So, am I hearing that the 5 gallon plastic water jugs are safe as far as chemical release is concerned. I hear all kinds of stories about not using them, I want to be safe, but worry a little about it.


----------



## cpfan (Jan 5, 2010)

Loren said:


> So, am I hearing that the 5 gallon plastic water jugs are safe as far as chemical release is concerned. I hear all kinds of stories about not using them, I want to be safe, but worry a little about it.


You are NOT Hearing that from me. The water bottles are made of various different plastics. Even the PET water bottles are made from different PET plastic than the Better Bottles.

There is no evidence that I have seen that manufacturers design/test water bottles to hold wine or beer.

Steve


----------



## BarnOwl (Jan 8, 2010)

This is a great topic for a newbie like me. I looked at several web sites trying to find a recent article on the safety of PET. The best article was on a plastic info web site. http://www.plasticsinfo.org/s_plasticsinfo/sec_generic.asp?CID=657&DID=2605 If you look at the references, the newest is 2001. The BPA controversy didn't surface until 2008. Until I can find a newer study, my wines will use glass.


----------



## DageonYar (Jan 8, 2010)

Snippet from Wiki:
"Possible toxicity of PET

An article published in Environmental Health Perspectives in November 2009 presented evidence that PET may yield endocrine disruptors under conditions of common use.
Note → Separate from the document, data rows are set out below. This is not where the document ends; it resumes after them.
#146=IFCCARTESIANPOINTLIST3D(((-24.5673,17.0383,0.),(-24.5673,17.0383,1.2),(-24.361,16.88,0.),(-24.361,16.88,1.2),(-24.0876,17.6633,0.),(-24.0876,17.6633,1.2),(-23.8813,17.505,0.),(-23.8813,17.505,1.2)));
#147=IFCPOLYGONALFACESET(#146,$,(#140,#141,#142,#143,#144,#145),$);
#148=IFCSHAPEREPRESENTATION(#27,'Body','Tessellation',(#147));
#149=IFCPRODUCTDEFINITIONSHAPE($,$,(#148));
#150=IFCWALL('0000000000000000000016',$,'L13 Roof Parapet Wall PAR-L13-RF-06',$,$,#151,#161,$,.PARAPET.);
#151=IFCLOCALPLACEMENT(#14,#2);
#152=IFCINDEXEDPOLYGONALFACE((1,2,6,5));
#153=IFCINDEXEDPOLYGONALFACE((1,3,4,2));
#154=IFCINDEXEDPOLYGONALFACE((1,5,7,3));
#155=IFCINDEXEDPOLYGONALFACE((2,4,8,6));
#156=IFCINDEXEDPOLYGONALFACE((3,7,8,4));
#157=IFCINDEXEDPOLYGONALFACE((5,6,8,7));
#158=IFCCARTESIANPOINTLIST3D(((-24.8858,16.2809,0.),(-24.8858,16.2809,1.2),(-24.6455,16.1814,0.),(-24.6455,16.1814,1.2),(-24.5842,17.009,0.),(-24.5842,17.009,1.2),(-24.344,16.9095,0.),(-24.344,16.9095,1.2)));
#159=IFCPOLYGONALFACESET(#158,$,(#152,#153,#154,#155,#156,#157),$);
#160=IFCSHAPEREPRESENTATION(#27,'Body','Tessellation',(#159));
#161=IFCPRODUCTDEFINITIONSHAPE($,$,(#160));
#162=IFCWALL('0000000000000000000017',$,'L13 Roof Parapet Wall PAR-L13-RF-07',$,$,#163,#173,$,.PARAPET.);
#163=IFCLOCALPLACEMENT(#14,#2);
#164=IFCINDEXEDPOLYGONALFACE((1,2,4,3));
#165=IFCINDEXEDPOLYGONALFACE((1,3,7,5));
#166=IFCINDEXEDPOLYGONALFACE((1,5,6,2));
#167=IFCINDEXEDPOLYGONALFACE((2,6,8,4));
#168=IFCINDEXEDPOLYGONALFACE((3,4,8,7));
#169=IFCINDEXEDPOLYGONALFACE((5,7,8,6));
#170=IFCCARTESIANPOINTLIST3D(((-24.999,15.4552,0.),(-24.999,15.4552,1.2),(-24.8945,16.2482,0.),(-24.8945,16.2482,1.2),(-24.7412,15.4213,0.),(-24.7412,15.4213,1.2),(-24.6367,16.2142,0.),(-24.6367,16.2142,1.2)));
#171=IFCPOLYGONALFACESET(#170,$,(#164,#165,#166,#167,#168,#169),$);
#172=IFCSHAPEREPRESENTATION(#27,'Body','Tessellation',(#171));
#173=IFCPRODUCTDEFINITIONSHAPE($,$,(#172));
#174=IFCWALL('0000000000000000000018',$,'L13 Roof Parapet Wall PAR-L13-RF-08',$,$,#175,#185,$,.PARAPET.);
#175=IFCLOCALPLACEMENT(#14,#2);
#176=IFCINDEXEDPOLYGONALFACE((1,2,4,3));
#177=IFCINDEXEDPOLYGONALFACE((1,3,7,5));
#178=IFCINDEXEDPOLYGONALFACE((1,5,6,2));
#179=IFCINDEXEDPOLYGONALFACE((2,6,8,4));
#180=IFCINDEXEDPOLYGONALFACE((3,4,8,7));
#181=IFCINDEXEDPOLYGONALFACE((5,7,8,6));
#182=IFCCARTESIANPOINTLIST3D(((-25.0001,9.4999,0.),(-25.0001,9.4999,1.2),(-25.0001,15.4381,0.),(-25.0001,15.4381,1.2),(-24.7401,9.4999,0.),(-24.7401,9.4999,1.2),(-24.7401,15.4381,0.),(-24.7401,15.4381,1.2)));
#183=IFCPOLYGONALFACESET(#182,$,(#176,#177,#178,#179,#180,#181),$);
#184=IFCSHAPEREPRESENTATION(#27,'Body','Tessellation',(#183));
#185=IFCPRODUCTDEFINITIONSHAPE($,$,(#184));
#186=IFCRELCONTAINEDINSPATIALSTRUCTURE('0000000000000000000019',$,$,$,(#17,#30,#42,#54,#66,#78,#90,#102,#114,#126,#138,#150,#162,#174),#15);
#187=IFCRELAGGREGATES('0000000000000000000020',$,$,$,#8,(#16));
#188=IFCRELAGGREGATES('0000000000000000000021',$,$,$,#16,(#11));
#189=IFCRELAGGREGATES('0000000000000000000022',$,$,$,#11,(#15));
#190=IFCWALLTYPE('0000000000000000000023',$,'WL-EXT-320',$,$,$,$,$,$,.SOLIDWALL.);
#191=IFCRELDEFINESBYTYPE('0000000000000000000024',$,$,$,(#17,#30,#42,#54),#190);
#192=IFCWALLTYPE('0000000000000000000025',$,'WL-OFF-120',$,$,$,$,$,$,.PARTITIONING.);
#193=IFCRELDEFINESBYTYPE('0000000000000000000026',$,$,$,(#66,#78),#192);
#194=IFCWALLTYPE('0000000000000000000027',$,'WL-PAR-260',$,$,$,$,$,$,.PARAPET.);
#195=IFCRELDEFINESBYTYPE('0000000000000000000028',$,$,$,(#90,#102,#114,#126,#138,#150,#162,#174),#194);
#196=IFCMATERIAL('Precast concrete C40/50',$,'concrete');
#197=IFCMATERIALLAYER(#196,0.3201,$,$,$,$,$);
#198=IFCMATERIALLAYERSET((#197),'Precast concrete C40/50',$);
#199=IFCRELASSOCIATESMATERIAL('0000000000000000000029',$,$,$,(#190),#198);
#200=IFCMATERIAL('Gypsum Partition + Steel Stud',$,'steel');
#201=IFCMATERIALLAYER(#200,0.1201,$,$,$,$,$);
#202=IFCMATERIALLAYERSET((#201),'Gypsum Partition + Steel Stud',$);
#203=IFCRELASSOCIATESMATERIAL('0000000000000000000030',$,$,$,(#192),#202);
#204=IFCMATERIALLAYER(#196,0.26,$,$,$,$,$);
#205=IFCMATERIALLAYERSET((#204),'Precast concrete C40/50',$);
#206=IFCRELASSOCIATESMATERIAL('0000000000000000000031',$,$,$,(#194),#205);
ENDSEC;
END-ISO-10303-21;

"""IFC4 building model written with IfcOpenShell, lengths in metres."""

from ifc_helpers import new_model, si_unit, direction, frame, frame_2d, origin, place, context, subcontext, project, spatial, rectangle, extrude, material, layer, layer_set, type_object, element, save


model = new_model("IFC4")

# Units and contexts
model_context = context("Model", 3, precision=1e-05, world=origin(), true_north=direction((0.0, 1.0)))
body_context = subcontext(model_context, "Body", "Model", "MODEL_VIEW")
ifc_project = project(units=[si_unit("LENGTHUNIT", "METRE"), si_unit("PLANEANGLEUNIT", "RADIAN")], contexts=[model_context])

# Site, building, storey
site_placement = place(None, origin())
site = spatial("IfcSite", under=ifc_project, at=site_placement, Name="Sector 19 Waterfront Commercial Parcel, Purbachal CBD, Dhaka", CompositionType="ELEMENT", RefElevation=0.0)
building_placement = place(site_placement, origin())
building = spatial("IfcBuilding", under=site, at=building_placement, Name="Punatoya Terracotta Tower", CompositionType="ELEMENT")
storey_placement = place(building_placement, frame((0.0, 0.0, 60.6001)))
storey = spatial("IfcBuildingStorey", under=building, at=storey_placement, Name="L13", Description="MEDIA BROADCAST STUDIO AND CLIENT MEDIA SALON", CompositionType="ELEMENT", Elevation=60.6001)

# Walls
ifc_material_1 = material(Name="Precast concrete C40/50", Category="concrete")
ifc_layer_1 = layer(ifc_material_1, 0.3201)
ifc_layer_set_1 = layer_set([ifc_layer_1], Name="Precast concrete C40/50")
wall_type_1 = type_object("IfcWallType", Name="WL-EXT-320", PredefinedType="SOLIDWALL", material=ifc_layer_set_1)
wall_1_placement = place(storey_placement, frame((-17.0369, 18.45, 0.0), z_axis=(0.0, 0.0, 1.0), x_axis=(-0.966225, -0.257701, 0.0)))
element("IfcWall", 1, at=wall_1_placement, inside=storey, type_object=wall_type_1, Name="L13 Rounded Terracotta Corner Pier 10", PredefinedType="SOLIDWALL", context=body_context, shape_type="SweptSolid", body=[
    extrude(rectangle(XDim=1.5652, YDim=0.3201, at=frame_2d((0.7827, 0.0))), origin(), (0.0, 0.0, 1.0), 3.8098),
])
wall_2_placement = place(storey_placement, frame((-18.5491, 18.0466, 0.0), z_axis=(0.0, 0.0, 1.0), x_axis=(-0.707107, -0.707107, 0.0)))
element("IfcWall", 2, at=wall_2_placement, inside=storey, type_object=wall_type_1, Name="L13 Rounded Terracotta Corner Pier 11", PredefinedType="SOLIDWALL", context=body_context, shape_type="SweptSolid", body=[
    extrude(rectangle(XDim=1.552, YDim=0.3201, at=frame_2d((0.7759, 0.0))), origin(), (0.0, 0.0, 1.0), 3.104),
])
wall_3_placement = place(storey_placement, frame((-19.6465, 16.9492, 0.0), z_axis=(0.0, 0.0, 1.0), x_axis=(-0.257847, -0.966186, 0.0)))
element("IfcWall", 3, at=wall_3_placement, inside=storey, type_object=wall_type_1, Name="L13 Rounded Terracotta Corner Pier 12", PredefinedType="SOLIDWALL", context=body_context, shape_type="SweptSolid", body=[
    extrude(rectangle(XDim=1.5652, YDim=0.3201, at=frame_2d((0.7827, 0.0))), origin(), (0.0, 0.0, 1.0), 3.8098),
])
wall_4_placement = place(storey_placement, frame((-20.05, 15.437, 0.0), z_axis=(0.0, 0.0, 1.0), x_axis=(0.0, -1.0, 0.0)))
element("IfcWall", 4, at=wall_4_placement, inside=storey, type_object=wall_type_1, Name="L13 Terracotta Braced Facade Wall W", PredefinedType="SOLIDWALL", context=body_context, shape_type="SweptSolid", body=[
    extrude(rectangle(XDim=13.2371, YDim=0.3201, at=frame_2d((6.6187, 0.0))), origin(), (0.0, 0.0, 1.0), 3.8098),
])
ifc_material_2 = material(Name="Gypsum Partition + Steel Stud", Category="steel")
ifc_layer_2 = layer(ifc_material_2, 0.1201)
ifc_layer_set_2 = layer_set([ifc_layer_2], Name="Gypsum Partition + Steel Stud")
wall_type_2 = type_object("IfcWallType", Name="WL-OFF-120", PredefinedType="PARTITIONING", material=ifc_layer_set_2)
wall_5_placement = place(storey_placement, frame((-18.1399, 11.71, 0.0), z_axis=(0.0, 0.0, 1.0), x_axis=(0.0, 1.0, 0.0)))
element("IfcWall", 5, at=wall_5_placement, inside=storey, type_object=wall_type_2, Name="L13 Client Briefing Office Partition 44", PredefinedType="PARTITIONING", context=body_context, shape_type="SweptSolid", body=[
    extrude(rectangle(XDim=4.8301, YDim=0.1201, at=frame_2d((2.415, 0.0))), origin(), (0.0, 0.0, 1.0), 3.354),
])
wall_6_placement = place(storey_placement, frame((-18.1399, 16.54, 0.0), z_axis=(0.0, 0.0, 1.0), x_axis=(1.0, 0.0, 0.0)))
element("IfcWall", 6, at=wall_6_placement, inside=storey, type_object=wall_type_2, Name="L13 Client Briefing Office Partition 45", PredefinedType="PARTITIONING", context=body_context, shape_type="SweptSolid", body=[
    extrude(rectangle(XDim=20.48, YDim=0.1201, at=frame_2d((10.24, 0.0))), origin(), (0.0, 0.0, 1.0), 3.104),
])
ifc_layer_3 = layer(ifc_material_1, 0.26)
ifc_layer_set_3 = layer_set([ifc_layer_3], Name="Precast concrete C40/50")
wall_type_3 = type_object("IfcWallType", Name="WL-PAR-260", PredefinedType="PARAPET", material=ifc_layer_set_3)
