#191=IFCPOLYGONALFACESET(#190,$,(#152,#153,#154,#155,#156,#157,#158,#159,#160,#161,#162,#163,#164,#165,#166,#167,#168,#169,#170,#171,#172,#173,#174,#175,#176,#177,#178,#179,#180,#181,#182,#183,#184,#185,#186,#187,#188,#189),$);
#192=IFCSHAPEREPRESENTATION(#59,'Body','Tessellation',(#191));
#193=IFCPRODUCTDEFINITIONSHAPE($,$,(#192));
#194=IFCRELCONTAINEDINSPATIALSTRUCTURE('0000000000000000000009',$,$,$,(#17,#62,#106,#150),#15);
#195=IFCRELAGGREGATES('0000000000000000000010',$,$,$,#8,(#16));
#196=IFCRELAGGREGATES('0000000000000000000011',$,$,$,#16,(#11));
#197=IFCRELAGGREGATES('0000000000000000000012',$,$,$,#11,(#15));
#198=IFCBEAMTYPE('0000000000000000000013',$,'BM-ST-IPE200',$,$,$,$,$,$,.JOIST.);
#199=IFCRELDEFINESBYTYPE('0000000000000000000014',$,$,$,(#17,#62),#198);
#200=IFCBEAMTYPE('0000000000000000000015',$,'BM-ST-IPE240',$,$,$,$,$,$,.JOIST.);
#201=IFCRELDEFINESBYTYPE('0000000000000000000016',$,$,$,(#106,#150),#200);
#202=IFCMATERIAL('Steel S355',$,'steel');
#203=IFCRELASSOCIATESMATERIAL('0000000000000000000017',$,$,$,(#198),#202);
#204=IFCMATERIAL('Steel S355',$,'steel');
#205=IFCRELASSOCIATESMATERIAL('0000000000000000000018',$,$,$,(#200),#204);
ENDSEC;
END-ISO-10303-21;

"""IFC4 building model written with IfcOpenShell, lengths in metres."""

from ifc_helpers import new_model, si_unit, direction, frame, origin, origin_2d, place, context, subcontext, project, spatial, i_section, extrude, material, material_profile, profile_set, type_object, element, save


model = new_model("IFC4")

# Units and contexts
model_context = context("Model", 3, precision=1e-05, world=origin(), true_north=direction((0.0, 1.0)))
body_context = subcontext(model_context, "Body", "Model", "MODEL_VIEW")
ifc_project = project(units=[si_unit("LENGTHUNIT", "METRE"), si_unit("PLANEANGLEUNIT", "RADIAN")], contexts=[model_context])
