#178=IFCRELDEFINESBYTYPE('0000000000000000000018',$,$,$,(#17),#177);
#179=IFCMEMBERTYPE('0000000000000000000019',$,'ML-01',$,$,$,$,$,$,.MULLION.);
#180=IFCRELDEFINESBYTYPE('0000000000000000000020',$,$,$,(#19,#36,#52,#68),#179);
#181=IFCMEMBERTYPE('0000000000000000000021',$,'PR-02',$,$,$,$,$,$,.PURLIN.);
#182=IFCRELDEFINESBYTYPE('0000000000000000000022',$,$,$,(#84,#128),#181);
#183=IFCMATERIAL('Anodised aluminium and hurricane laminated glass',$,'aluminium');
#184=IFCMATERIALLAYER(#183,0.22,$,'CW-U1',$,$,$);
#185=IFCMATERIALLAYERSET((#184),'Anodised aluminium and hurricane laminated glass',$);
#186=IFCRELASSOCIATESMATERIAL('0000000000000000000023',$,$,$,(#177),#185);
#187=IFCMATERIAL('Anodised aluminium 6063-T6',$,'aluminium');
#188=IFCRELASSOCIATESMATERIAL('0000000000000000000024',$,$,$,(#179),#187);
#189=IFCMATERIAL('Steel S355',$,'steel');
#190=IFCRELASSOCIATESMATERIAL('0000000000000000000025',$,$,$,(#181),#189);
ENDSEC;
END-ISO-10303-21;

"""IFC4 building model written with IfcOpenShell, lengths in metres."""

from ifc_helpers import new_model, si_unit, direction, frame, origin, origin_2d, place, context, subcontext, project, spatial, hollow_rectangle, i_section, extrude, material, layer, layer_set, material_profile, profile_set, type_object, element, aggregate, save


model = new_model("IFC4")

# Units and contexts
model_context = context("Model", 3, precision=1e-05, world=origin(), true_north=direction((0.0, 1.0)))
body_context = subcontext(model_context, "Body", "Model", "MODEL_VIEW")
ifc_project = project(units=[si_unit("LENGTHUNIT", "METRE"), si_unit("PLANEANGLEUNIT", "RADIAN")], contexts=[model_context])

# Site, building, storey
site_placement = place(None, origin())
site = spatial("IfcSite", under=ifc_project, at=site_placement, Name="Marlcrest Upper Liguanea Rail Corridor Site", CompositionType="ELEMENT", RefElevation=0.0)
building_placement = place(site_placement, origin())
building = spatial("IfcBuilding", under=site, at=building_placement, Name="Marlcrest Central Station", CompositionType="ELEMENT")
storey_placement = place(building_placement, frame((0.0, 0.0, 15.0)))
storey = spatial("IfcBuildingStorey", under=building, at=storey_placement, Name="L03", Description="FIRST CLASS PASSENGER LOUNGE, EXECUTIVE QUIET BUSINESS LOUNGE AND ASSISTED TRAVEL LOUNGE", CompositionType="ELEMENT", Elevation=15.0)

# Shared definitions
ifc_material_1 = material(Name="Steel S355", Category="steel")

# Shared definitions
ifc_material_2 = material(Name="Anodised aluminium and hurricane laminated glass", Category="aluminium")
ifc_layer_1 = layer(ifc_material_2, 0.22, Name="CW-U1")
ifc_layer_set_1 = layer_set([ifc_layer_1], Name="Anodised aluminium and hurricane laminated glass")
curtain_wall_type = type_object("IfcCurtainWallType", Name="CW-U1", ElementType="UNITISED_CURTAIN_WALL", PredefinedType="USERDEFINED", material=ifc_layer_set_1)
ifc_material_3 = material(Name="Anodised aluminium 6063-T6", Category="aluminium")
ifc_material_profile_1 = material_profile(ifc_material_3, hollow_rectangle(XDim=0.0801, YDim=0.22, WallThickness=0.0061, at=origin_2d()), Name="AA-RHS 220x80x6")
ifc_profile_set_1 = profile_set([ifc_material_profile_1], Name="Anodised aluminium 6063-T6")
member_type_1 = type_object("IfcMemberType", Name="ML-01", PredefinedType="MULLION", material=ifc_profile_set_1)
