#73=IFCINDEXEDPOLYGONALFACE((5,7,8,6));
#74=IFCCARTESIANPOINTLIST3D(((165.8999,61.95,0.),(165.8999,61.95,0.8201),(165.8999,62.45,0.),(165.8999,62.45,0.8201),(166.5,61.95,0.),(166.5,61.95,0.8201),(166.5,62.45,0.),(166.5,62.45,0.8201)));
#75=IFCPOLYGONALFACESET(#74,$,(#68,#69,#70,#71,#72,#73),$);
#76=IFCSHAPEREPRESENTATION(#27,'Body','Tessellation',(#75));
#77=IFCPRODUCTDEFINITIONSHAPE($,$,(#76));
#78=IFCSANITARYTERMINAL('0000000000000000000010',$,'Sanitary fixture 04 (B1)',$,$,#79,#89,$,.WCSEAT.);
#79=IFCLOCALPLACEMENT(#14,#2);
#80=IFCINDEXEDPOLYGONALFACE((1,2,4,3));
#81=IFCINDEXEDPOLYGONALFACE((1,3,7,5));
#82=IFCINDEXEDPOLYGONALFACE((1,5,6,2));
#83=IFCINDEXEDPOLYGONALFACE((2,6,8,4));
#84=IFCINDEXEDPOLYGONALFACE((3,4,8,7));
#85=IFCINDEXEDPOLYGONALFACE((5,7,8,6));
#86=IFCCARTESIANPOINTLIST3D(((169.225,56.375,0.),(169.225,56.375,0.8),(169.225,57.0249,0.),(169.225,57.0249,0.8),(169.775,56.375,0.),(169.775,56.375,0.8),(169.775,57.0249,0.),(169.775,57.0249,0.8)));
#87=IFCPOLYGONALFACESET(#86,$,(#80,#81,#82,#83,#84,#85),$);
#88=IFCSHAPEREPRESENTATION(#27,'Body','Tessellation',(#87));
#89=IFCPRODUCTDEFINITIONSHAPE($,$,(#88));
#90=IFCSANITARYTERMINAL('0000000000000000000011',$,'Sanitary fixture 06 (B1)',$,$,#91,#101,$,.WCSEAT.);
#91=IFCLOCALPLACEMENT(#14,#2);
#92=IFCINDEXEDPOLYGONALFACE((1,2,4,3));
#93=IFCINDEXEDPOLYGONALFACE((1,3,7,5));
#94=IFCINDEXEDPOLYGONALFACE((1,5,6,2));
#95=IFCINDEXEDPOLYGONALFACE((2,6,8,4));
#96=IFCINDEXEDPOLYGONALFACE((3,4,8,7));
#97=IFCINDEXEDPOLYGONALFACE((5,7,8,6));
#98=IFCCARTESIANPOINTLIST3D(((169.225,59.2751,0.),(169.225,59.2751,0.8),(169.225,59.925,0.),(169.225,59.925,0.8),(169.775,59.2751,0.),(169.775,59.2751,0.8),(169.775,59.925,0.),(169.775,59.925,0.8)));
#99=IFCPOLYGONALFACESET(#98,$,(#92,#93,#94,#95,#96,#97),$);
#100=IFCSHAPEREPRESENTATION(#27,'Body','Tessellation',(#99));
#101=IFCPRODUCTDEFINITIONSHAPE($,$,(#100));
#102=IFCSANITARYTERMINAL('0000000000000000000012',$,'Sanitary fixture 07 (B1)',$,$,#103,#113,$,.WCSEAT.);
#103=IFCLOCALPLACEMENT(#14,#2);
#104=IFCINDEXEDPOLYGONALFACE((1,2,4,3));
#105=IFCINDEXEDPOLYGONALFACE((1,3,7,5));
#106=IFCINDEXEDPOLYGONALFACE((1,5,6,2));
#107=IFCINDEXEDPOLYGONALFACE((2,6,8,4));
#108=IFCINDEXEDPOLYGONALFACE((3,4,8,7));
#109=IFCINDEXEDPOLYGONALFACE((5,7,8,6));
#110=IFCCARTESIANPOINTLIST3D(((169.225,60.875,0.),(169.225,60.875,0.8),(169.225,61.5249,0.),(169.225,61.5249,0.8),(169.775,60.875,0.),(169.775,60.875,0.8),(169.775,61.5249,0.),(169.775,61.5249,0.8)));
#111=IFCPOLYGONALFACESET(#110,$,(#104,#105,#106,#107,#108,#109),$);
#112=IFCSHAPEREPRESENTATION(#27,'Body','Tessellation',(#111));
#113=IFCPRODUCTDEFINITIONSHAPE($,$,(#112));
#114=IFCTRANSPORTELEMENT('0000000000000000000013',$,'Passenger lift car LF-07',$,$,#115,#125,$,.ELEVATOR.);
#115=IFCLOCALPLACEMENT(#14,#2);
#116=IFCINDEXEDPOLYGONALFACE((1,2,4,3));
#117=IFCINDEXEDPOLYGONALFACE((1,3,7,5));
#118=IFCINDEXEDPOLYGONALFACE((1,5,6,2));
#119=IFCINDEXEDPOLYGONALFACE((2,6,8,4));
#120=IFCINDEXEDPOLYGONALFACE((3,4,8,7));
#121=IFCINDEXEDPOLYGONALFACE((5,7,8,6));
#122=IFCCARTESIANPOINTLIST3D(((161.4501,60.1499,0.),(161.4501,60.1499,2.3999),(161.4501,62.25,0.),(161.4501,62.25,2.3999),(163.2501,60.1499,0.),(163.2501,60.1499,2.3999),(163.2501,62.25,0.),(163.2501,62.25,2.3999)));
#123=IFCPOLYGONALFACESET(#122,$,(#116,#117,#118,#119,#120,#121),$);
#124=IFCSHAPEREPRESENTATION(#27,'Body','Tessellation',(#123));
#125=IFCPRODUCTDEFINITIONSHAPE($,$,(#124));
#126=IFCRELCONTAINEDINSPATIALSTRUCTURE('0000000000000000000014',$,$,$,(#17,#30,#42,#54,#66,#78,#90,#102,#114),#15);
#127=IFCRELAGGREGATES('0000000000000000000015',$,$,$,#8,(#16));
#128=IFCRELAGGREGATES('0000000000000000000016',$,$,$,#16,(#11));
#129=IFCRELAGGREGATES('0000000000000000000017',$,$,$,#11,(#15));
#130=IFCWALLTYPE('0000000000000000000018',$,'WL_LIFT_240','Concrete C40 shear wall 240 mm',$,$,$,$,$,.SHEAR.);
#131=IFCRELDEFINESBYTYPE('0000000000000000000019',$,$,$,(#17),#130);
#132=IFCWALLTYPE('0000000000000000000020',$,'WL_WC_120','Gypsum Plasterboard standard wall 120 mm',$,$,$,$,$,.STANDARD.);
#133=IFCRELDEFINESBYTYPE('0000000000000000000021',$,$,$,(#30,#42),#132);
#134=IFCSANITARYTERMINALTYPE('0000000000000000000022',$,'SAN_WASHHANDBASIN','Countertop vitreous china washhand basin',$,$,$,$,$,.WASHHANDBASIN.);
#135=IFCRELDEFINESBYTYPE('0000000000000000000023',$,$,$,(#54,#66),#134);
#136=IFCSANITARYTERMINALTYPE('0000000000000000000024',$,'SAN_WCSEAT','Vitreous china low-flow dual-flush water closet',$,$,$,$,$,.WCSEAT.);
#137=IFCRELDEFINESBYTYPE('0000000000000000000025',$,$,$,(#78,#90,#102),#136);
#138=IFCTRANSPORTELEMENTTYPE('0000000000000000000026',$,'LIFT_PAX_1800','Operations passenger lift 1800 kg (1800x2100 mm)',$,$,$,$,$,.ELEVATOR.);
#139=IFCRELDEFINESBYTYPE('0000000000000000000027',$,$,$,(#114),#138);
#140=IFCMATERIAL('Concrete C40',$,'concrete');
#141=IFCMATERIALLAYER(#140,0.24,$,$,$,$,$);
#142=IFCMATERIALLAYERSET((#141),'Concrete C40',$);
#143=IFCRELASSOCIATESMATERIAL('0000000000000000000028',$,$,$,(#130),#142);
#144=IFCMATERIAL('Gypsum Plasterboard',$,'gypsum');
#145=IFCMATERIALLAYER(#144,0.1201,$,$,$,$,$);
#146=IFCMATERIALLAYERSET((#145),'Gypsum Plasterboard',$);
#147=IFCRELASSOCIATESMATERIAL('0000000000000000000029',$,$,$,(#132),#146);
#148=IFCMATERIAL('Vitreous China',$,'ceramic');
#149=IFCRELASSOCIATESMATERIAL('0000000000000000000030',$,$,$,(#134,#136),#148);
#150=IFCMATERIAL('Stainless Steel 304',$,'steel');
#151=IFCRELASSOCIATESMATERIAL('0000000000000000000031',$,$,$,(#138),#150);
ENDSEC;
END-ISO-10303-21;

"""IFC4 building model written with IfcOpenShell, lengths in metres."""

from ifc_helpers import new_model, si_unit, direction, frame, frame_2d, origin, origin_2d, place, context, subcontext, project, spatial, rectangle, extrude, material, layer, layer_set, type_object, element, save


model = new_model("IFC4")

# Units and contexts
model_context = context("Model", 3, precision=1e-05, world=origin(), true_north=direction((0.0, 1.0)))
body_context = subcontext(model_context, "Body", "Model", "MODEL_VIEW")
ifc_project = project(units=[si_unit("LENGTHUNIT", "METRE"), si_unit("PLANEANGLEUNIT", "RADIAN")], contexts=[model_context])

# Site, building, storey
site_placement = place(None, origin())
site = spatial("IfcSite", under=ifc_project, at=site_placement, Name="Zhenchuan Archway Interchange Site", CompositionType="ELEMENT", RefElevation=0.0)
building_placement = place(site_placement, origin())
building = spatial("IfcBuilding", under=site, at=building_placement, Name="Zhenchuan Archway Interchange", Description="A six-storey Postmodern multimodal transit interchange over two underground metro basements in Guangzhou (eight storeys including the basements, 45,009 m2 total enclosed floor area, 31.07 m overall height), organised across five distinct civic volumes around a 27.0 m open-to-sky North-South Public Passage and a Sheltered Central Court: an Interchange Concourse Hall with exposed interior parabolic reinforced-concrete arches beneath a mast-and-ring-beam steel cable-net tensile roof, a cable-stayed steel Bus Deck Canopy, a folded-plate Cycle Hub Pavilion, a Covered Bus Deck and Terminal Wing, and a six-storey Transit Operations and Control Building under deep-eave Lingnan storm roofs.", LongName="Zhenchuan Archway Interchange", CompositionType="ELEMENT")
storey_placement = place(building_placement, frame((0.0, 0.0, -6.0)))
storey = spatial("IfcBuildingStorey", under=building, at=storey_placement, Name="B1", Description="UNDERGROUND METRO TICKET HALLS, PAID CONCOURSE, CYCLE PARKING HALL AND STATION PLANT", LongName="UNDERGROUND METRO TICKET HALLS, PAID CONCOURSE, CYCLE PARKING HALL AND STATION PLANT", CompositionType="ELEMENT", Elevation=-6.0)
Possible mechanisms include leaching of phthalates as well as leaching of antimony.[10] The risk of leaching appears to increase as a function of storage temperature and storage duration."

- http://ehsehplp03.niehs.nih.gov/article/fetchArticle.action?articleURI=info:doi/10.1289/ehp.0901253
- http://en.wikipedia.org/wiki/Polyethylene_terephthalate#Possible_toxicity_of_PET


----------



## arcticsid (Jan 9, 2010)

This argument goes on and on. I recently bought a couple Better Bottles(3 gals), they are NOT the collapsible type but are square and rigid. Personally, in my opinion only, they are easier to handle(weight wise) and apparently are safe for use with alcohol, even for long term bulk aging. I will post the website for them in a second. Decide for yourself. This is a subject I brought up in the begining days of my wine making "obsession" and I refuse to keep it going. We may as well argue whether or not you like Toyotas, Chevy's, or Fords.

Use the search engine in here and see the 500,000 threads and posts about this. I would prefer to use glass, and the better bottles are about the same cost. The bung is the same diameter as glass and anything that can be used on glass will work for a "Better Bottle"

Troy


----------



## arcticsid (Jan 9, 2010)

Here is the link for the "Better Bottle" site.

http://www.better-bottle.com/technical_left.html

Until someone comes up with some proof either way, I am personally about tired of hearing this discussion. We have better things to discuss.

I am not a sales rep for Better Bottles, and I am by no means a chemist. but the Better Bottles work for me, and what ever you all choose to use, I hope it works well for you as well.

Troy


----------



## Wade E (Jan 9, 2010)

Just use what ever makes you feel better. this topic will likely never ever be resolved as to the is plastic bad for you just like the Aluminum vrs Stainless steel in any beer forum where they think Alzheimer's is linked to aluminum.


----------



## cpfan (Jan 9, 2010)

I think many of us agree that the Better Bottle and glass carboys are acceptable for wine-making, although we will each have our preferences.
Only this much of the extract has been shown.